Several explanations can be advanced for Covid-19 patients’ high VAP and VAP-recurrence rates: firstly, most of our patients had the most severe form of Covid-19 ARDS requiring VV-ECMO support. They required longer MV durations than ARDS patients not requiring ECMO, and were therefore at higher risk of developing multiple VAP episodes [19]. However, our influenza-associated ARDS controls, with similar or even greater disease severity, similar ECMO rate and prolonged MV duration, had lower VAP and VAP-recurrence rates, as was also observed in the recent EOLIA trial [20]. Secondly, antimicrobial treatment duration might have been too short, despite being in agreement with the recent international guidelines [10, 11]. Notably, patients with influenza-associated ARDS had the same antimicrobial treatment duration and a lower VAP-recurrence rate. Moreover, a high percentage of Covid-19 patients’ VAP recurrences occurred even before the end of the initial antimicrobial therapy. Thirdly, the frequent VV-ECMO use and/or drug–drug interaction(s) in our Covid-19 patients might have impacted VAP outcome by altering antibiotic pharmacokinetics, even though the antibiotic levels of all the patients subjected to therapeutic drug monitoring were above the EUCAST breakpoint for the responsible pathogen [21, 22]. Fourthly, the administration of adjunctive immunomodulatory/immunosuppressant agents to a small fraction of Covid-19 patients could also have facilitated infectious complications [23].

There may be other explanations for the high VAP and VAP-recurrence rates. The pathophysiology of Covid-19 in ICU patients includes pulmonary vasculopathy with endothelial dysfunction and endothelialitis [24, 25]. These features, associated with dysregulated lung inflammation and diffuse alveolar damage, might enhance susceptibility to secondary bacterial infection, and/or decrease antibiotic availability in the lung parenchyma. Indeed, the antimicrobial treatment failure rate was high, with patients developing new VAP episodes with the same susceptible pathogen despite appropriate and adequate antimicrobial regimens.

Our study has several limitations that should be underlined.

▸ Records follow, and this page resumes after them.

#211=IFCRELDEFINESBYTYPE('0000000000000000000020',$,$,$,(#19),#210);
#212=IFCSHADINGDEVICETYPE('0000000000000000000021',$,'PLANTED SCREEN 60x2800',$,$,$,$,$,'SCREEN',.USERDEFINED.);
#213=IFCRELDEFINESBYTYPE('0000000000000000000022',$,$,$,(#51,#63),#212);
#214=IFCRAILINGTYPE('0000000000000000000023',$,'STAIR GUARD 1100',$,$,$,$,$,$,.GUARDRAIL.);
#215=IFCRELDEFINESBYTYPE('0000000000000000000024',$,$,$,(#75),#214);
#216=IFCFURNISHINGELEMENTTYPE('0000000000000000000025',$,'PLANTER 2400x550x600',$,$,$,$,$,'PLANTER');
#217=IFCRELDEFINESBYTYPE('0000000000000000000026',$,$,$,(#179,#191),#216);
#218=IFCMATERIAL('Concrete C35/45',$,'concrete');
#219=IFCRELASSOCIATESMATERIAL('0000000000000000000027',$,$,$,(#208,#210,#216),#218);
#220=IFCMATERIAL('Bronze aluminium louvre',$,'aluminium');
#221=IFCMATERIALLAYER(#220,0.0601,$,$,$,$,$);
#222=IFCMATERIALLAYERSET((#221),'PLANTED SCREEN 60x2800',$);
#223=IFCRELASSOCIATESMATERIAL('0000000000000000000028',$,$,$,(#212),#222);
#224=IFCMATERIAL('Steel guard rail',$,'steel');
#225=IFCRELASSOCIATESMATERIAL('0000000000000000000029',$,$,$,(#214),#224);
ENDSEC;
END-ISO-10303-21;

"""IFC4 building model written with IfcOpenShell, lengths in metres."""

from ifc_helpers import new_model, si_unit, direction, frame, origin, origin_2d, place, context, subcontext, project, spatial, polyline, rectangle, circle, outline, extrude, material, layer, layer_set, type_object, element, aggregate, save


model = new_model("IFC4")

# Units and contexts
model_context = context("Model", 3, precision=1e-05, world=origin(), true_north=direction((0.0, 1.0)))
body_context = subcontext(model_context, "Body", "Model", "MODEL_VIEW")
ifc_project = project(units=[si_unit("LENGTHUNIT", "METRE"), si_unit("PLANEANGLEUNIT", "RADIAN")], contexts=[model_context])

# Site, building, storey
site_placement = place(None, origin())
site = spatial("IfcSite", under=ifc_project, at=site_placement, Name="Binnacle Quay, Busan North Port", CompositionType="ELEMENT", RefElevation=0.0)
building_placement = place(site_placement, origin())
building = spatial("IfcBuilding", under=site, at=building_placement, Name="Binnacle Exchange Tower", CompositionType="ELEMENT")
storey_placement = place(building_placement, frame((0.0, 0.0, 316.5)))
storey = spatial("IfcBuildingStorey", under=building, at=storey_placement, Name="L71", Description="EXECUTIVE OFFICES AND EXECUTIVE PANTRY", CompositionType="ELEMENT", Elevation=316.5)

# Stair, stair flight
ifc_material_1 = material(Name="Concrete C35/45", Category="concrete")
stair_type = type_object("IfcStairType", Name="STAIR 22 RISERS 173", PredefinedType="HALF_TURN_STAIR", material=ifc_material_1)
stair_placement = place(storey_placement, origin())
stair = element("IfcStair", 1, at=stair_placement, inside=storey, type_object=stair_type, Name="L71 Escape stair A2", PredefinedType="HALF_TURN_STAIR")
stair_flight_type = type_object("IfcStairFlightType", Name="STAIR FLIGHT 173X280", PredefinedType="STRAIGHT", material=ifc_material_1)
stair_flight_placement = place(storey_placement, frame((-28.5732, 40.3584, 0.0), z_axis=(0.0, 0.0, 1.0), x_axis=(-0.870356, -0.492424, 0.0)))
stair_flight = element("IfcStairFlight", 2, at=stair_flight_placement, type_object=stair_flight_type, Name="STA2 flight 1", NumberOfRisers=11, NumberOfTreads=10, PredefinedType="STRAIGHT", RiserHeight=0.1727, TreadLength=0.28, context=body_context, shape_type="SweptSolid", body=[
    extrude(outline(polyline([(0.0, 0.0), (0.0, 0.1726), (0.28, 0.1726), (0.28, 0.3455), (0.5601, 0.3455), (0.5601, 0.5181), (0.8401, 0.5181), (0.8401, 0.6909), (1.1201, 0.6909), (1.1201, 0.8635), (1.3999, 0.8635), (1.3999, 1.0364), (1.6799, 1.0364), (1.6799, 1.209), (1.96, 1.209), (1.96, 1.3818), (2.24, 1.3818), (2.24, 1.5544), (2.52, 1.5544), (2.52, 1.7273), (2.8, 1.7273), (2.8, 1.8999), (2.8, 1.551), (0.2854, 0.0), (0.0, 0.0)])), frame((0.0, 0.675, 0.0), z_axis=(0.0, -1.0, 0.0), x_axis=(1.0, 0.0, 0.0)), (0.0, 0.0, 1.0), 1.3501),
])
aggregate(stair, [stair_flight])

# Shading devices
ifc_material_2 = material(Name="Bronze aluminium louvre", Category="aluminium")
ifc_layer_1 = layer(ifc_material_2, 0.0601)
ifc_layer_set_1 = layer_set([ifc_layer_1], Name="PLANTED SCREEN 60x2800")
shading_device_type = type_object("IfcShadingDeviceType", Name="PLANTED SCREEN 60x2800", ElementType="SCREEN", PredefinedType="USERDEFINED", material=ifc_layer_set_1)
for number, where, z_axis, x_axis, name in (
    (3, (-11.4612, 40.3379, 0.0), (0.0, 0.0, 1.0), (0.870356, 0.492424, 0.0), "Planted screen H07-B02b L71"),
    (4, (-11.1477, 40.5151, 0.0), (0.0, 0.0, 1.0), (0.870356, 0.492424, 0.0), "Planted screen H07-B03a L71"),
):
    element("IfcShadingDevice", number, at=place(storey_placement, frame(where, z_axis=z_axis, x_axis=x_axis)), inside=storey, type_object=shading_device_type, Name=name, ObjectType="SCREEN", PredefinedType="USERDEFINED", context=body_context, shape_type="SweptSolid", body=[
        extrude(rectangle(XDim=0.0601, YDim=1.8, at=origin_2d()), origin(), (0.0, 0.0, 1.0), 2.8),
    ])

Firstly, its retrospective monocenter design that included the most severe Covid-19 patients, all of whom requiring VV-ECMO, making our results difficult to extrapolate to other ICUs with different case mixes. Particularly, whether patients with Covid-19-associated ARDS without ECMO have similar VAP and VAP recurrence rate remain to be determined. The small size of our study (only 50 patients with Covid-19 were included) is a second limitation. Third, our patients’ VAP-causing pathogens might essentially reflect our local ecology. Whether or not the same microorganism distribution would be found in other ICUs remains to be explored. Particularly, the high rate of Klebsiella aerogenes may raise the issue of cross-contamination between patients. Since we did not compare bacterial strains genetically, we cannot formally rule out this hypothesis. However, the rate of Klebsiella aerogenes VAP decreased dramatically in our unit after Covid-19 pandemic, rending this hypothesis unlikely. Fourth, Covid-19 and influenza patients were not strictly comparable and the differences observed in the VAP characteristics of the two populations should be viewed with caution.

Conclusion

In conclusion, patients with severe Covid-19-associated ARDS requiring ECMO are particularly prone to develop late-onset VAP, frequently caused by inducible AmpC-cephalosporinase-producing Enterobacteriaceae and Pseudomonas aeruginosa. Once VAP is diagnosed and treated, clinicians should be aware that patients are at high risk of its recurrence/relapse, despite appropriate and adequate antimicrobial therapy.